Com respeito à Linha 18-Bronze, a irresponsabilidade do governo estadual passado foi tamanha a ponto de elaborar o projeto em 2014, que chegou a ser licitado pelo sistema PPP (Parceria Público-Privada). Só que tinha um porém. Não existia, nos cofres do Palácio dos Bandeirantes, dinheiro suficiente para tocar essa obra. Nem mesmo empréstimo de R$ 600 milhões para as desapropriações foi conseguido e o decreto de desapropriações caducou no fim do ano passado. Com todo o respeito que o secretário nacional de Mobilidade e Serviços Urbanos, Jean Carlo Pejo, merece, não creio que a União esteja tão bem financeiramente a ponto de liberar recursos ao governo paulista para a viabilização da Linha 18. O ministro Paulo Guedes, da Economia, já vem cortando gastos orçamentários para tentar equilibrar as finanças e eliminar o rombo existente, de R$ 139 bilhões. Parece-me que esse sonho de Metrô ao Grande ABC está praticamente irrealizável. Pelo menos por enquanto.

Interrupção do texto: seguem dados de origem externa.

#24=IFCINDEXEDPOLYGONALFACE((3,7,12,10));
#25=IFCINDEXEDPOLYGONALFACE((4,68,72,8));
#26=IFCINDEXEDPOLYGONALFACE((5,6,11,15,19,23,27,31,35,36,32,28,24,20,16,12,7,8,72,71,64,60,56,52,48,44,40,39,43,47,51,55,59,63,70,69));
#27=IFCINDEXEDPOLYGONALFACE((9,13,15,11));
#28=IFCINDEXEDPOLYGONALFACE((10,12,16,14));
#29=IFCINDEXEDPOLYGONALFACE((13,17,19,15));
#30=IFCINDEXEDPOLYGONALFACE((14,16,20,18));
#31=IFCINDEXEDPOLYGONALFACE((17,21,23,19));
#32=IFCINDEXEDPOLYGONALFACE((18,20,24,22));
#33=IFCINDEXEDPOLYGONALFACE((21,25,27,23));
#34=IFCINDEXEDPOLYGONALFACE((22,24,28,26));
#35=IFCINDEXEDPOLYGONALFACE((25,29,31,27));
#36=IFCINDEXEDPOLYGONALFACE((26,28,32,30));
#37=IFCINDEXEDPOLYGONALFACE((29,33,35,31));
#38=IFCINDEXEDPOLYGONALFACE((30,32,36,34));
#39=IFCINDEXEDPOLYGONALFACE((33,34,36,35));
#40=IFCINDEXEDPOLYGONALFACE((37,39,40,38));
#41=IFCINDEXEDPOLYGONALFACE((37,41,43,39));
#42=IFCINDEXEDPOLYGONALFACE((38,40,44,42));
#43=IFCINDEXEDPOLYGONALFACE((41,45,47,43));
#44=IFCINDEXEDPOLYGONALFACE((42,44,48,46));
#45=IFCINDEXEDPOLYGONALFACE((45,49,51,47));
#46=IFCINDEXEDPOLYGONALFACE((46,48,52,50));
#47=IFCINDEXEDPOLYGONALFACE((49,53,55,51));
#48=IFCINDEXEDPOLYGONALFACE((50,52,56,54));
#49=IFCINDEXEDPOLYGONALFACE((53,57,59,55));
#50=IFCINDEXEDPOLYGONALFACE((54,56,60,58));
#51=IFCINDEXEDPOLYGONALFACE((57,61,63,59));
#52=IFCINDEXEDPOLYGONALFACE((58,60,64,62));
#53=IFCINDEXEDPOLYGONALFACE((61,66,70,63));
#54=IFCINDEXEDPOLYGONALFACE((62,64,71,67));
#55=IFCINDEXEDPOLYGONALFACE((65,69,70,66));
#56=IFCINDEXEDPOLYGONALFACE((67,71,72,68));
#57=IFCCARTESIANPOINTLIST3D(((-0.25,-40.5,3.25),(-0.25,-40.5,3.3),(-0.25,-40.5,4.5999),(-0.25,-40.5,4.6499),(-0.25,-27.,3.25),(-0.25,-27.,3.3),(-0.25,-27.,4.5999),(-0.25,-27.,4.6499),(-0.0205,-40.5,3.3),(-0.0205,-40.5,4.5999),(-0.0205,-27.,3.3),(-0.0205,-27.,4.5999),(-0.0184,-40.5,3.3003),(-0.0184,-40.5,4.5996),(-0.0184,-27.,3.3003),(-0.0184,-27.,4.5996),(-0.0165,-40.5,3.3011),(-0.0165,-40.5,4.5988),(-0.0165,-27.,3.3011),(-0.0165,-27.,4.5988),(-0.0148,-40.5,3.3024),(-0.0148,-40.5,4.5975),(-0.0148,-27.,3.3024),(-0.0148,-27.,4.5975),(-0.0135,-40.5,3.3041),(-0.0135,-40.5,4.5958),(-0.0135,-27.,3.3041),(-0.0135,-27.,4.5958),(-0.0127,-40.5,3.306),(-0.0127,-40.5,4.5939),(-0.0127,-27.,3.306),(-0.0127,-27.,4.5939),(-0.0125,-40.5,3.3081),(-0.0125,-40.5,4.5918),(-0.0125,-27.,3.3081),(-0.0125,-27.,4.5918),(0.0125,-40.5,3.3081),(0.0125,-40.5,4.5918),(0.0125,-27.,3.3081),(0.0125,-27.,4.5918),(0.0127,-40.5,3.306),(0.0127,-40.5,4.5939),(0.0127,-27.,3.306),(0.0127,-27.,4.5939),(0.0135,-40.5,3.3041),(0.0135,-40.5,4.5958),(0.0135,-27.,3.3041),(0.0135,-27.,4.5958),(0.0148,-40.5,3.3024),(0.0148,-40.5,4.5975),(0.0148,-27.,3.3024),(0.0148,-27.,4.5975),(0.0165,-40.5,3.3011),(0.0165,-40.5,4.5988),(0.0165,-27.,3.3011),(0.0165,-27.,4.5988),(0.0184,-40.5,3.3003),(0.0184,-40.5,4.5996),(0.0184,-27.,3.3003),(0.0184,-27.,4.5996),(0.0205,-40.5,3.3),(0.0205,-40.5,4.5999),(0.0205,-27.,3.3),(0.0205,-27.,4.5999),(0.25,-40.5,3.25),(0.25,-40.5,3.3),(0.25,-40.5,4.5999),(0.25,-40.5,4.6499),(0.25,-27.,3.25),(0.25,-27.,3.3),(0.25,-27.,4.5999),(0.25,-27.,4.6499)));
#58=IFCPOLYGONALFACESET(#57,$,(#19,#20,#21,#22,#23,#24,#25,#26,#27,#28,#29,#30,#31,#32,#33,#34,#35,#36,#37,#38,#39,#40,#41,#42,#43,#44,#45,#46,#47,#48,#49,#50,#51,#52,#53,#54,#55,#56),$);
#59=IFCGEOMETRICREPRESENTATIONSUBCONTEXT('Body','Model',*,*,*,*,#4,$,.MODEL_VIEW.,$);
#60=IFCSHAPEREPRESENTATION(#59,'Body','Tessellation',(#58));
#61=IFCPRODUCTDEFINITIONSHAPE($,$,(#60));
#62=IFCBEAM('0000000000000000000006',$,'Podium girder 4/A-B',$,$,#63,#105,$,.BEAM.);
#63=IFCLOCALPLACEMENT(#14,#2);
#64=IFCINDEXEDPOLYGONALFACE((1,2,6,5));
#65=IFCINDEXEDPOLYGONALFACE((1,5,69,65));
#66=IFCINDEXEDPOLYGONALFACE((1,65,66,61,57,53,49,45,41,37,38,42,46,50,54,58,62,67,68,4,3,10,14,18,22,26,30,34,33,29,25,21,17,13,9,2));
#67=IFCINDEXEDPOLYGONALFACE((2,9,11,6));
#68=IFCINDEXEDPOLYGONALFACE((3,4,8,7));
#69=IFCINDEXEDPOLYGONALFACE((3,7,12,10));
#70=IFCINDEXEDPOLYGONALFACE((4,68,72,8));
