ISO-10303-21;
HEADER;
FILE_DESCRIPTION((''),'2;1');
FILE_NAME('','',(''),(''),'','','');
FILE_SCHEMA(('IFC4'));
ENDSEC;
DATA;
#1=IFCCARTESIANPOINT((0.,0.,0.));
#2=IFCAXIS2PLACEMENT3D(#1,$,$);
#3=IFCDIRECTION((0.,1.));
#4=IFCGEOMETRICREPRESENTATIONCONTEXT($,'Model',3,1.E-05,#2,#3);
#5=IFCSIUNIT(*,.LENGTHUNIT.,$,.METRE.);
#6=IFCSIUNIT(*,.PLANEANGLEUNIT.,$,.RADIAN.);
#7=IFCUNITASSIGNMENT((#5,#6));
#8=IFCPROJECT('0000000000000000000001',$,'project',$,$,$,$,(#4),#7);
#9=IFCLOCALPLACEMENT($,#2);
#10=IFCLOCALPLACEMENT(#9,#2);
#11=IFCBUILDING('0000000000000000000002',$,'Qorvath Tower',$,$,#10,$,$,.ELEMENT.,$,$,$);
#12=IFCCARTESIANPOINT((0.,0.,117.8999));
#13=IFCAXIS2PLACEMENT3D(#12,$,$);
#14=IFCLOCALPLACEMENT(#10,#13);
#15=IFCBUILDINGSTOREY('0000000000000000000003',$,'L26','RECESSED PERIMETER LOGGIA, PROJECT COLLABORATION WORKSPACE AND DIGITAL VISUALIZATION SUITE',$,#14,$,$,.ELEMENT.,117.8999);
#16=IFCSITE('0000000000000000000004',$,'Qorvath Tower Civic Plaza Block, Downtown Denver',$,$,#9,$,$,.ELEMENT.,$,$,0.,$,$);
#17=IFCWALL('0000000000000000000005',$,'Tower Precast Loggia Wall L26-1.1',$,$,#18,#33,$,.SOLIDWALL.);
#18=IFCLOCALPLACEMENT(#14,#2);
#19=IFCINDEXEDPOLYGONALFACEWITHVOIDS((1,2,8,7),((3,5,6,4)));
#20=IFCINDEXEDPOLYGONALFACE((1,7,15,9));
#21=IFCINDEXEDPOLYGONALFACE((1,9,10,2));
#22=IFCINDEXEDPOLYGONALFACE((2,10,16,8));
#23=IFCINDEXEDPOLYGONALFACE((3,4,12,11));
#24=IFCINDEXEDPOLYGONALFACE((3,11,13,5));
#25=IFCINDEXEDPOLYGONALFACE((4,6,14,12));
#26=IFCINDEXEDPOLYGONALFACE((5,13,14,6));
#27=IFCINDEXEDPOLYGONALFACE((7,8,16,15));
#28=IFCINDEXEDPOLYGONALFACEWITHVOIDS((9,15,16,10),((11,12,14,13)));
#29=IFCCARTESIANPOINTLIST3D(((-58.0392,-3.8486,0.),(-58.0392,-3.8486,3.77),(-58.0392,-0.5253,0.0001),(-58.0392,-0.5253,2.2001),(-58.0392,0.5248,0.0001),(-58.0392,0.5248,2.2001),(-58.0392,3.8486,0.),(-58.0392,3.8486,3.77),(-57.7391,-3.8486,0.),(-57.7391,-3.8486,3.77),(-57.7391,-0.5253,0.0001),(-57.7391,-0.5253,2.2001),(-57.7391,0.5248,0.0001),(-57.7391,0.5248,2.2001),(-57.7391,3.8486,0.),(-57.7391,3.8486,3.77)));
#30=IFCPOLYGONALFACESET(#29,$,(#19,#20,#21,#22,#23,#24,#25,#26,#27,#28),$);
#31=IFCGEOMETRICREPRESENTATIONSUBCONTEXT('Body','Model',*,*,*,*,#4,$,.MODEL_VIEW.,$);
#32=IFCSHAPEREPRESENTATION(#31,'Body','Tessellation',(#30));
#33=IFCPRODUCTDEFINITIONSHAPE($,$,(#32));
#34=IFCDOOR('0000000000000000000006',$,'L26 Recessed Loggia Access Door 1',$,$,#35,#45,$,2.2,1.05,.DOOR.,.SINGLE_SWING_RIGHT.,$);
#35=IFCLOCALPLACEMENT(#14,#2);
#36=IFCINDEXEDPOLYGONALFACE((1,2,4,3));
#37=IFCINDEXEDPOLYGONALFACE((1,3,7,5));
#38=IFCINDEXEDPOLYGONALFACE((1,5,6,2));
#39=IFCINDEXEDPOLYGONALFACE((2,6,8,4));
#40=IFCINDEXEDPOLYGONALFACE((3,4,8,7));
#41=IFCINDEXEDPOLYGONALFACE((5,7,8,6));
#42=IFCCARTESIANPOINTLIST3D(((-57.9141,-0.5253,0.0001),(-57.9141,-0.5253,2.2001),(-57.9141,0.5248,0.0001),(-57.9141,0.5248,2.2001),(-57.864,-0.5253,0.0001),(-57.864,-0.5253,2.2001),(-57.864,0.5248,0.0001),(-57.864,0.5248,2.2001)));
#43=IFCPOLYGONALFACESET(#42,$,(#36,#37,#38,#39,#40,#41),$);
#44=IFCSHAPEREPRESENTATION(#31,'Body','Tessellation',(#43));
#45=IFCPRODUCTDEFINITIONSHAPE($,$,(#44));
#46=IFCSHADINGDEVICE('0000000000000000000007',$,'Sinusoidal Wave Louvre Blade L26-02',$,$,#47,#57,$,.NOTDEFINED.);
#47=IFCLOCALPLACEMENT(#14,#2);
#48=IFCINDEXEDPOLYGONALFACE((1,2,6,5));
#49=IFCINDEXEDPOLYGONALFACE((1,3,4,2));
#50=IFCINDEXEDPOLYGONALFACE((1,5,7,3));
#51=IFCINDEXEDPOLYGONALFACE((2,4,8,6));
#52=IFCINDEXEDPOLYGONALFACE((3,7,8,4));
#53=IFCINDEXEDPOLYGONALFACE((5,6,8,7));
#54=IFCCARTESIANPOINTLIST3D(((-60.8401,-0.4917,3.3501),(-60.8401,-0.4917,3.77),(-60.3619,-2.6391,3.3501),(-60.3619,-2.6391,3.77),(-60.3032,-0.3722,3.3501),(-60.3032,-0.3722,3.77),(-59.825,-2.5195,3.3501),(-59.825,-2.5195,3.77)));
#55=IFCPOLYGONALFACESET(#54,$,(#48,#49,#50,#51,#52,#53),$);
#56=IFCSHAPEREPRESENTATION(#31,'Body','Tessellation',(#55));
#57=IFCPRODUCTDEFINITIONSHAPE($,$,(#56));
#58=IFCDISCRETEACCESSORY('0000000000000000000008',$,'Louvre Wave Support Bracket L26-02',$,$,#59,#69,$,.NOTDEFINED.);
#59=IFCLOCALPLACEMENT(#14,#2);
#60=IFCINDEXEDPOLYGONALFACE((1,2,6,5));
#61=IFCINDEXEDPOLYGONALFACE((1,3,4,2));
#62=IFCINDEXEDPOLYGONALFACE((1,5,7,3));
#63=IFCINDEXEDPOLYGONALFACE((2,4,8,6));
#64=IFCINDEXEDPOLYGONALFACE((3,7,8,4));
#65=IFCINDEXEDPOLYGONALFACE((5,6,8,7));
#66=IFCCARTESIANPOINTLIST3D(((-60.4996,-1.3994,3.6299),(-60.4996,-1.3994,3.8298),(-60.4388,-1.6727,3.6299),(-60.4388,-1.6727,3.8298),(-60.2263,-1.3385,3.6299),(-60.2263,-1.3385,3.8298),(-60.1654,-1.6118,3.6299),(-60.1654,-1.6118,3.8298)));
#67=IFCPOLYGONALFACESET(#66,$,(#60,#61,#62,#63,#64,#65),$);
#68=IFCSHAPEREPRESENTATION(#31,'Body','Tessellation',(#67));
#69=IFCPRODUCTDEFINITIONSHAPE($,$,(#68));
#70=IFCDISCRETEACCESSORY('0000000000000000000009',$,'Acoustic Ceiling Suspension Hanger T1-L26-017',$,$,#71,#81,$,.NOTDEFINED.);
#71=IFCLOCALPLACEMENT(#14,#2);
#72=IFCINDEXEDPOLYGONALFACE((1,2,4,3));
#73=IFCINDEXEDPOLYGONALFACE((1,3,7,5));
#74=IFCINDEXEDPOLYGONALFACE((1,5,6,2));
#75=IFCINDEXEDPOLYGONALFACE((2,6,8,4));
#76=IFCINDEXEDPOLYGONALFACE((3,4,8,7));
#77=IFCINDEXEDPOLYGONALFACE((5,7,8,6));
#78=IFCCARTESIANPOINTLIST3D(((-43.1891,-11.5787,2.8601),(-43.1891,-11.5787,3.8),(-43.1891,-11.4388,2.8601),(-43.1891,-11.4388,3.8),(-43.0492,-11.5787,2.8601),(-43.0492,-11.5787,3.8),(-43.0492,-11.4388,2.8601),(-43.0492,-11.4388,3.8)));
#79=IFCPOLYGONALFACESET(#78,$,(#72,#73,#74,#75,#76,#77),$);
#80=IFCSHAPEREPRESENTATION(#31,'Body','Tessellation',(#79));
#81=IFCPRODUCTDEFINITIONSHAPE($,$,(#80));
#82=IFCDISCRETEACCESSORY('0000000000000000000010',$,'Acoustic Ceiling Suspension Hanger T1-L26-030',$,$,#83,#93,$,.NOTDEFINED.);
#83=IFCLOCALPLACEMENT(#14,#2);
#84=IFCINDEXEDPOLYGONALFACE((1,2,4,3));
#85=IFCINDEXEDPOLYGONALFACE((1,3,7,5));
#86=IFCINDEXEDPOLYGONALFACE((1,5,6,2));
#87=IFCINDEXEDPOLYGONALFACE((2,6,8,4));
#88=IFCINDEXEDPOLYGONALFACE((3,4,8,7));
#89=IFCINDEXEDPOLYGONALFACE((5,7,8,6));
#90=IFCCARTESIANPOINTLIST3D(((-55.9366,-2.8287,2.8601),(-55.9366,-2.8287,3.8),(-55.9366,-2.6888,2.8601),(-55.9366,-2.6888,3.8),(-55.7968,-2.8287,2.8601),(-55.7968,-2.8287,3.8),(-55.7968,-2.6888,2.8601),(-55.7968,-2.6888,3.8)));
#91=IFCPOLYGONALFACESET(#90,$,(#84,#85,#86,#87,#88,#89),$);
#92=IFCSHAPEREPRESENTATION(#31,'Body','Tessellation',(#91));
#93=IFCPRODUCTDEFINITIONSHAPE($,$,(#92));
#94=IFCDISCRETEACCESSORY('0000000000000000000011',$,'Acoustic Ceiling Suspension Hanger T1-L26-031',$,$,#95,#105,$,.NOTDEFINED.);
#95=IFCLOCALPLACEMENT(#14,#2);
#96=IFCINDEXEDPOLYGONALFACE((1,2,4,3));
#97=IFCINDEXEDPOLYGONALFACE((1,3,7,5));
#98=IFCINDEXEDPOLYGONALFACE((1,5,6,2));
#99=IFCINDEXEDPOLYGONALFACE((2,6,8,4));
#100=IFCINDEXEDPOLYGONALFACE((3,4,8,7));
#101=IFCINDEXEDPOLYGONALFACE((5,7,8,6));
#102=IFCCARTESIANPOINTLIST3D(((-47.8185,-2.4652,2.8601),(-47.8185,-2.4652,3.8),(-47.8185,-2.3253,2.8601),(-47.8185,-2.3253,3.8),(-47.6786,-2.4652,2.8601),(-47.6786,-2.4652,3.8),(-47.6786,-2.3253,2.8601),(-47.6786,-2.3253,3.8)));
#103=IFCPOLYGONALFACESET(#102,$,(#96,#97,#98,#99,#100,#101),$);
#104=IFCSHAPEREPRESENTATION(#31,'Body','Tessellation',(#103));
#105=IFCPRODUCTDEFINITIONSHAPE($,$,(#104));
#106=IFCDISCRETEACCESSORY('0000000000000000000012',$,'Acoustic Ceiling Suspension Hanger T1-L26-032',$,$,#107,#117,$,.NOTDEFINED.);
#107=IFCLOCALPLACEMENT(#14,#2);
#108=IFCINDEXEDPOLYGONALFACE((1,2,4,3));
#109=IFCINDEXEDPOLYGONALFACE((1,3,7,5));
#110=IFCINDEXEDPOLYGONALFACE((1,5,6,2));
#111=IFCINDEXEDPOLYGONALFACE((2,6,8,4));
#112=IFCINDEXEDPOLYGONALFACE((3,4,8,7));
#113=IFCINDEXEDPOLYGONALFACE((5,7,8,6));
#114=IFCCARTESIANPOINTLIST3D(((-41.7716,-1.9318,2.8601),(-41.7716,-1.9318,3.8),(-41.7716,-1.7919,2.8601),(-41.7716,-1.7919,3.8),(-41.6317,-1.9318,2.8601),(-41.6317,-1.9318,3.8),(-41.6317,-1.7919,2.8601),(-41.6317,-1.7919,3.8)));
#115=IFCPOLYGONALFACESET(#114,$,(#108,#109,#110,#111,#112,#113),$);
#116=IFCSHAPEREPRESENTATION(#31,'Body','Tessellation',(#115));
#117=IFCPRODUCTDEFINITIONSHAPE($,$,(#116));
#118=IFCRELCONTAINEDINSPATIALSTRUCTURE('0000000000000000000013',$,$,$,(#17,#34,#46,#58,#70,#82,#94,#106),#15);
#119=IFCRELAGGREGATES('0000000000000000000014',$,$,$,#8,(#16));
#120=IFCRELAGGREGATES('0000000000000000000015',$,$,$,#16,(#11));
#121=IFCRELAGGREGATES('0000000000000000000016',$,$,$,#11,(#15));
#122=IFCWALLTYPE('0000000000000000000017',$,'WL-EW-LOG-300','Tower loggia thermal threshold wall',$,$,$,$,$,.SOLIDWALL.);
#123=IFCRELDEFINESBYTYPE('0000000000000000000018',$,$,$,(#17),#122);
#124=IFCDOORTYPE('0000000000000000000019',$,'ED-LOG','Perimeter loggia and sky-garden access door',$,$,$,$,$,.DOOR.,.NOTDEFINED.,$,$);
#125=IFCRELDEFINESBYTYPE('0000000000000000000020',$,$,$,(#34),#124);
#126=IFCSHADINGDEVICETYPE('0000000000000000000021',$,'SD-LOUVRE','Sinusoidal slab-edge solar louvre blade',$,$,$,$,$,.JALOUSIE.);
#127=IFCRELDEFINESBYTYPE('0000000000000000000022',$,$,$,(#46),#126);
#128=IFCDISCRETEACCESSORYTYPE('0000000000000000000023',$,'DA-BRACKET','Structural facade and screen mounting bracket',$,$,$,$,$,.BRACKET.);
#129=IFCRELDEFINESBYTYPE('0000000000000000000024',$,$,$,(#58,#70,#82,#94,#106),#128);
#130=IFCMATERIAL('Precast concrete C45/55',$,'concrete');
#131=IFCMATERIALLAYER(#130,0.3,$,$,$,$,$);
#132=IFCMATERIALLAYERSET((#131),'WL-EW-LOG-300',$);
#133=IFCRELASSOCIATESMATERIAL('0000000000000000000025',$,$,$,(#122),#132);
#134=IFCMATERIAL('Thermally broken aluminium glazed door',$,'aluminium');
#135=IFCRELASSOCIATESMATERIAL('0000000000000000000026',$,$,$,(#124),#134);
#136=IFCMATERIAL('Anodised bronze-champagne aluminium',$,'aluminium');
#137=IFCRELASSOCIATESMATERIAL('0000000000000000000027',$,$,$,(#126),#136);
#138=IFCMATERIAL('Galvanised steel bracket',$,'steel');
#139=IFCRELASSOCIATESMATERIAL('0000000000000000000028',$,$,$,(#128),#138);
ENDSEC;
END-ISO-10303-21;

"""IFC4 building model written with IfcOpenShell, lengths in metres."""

from ifc_helpers import new_model, si_unit, direction, frame, frame_2d, origin, origin_2d, place, context, subcontext, project, spatial, rectangle, extrude, material, layer, layer_set, type_object, element, fill, save


model = new_model("IFC4")

# Units and contexts
model_context = context("Model", 3, precision=1e-05, world=origin(), true_north=direction((0.0, 1.0)))
body_context = subcontext(model_context, "Body", "Model", "MODEL_VIEW")
ifc_project = project(units=[si_unit("LENGTHUNIT", "METRE"), si_unit("PLANEANGLEUNIT", "RADIAN")], contexts=[model_context])

# Site, building, storey
site_placement = place(None, origin())
site = spatial("IfcSite", under=ifc_project, at=site_placement, Name="Qorvath Tower Civic Plaza Block, Downtown Denver", CompositionType="ELEMENT", RefElevation=0.0)
building_placement = place(site_placement, origin())
building = spatial("IfcBuilding", under=site, at=building_placement, Name="Qorvath Tower", CompositionType="ELEMENT")
storey_placement = place(building_placement, frame((0.0, 0.0, 117.8999)))
storey = spatial("IfcBuildingStorey", under=building, at=storey_placement, Name="L26", Description="RECESSED PERIMETER LOGGIA, PROJECT COLLABORATION WORKSPACE AND DIGITAL VISUALIZATION SUITE", CompositionType="ELEMENT", Elevation=117.8999)

# Wall, opening, door
ifc_material_1 = material(Name="Precast concrete C45/55", Category="concrete")
ifc_layer_1 = layer(ifc_material_1, 0.3)
ifc_layer_set_1 = layer_set([ifc_layer_1], Name="WL-EW-LOG-300")
wall_type = type_object("IfcWallType", Name="WL-EW-LOG-300", Description="Tower loggia thermal threshold wall", PredefinedType="SOLIDWALL", material=ifc_layer_set_1)
wall_placement = place(storey_placement, frame((-57.8892, -3.8486, 0.0), z_axis=(0.0, 0.0, 1.0), x_axis=(0.0, 1.0, 0.0)))
wall = element("IfcWall", 1, at=wall_placement, inside=storey, type_object=wall_type, Name="Tower Precast Loggia Wall L26-1.1", PredefinedType="SOLIDWALL", context=body_context, shape_type="SweptSolid", body=[
    extrude(rectangle(XDim=7.6973, YDim=0.3, at=frame_2d((3.8486, 0.0))), origin(), (0.0, 0.0, 1.0), 3.77),
])
opening_placement = place(wall_placement, frame((3.3235, 0.0, 0.0)))
opening = element("IfcOpeningElement", 2, at=opening_placement, cuts=wall, PredefinedType="OPENING", context=body_context, shape_type="SweptSolid", body=[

Arlindo Ligeirinho Ribeiro

Diadema

Só promessas

Outras promessas não cumpridas pelos governos do PSDB, no mínimo 25 anos no poder em São Paulo, são a Linha 14-Onix, Santo André-Guarulhos (Cumbica), e o monotrilho Linha 18-Bronze. Consta do próprio blog da CPTM (Companhia Paulista de Trens Metropolitanos), em 2013, que a linha 10-Turquesa possui mais passageiros, mesmo ainda não tendo entrado em operação os monotrilhos da Linha 18-Bronze, e a Linha 15-Prata operando parcialmente, com relação à Linha 7-Rubi, a escolhida para permanecer na Luz. Que incentivo é este ao uso de transporte público em que se tem de fazer múltiplas baldeações, assim como hoje acontece com os ônibus procedentes do Grande ABC que têm de fazer no terminal Sacoman, assim como o fim dos trens regulares para a Luz, para prosseguir até o centro de São Paulo?

Luiz Carlos Leoni

São Caetano

Senado & STF

De acordo com a Constituição, cabe aos ministros do STF (Supremo Tribunal Federal) julgar todos os amparados pelo foro privilegiado, parlamentares e políticos eleitos ou nomeados. E cabe unicamente ao Senado investigar acusações de algumas irregularidade contra os ministros do STF. Ao que parece, presenciamos troca de proteção entre os cúmplices de ambos os poderes citados. Com rabos presos, um não aciona o outro. O STF não julga os parlamentares e o Senado retribui essa gentileza de impunidade engavetando todos os pedidos de impeachment contra ministros do STF, como já fez por longo tempo os presidentes do Senado José Sarney, Renan Calheiros e, agora, Davi Alcolumbre, todos envolvidos com acusações para serem investigadas. Nos últimos dez anos o STF julgou e puniu apenas um acusado, enquanto a brilhante atuação da Operação Lava Jato, dirigida pelo ex-juiz Sergio Moro, julgou e condenou exemplarmente mais de 100 pessoas.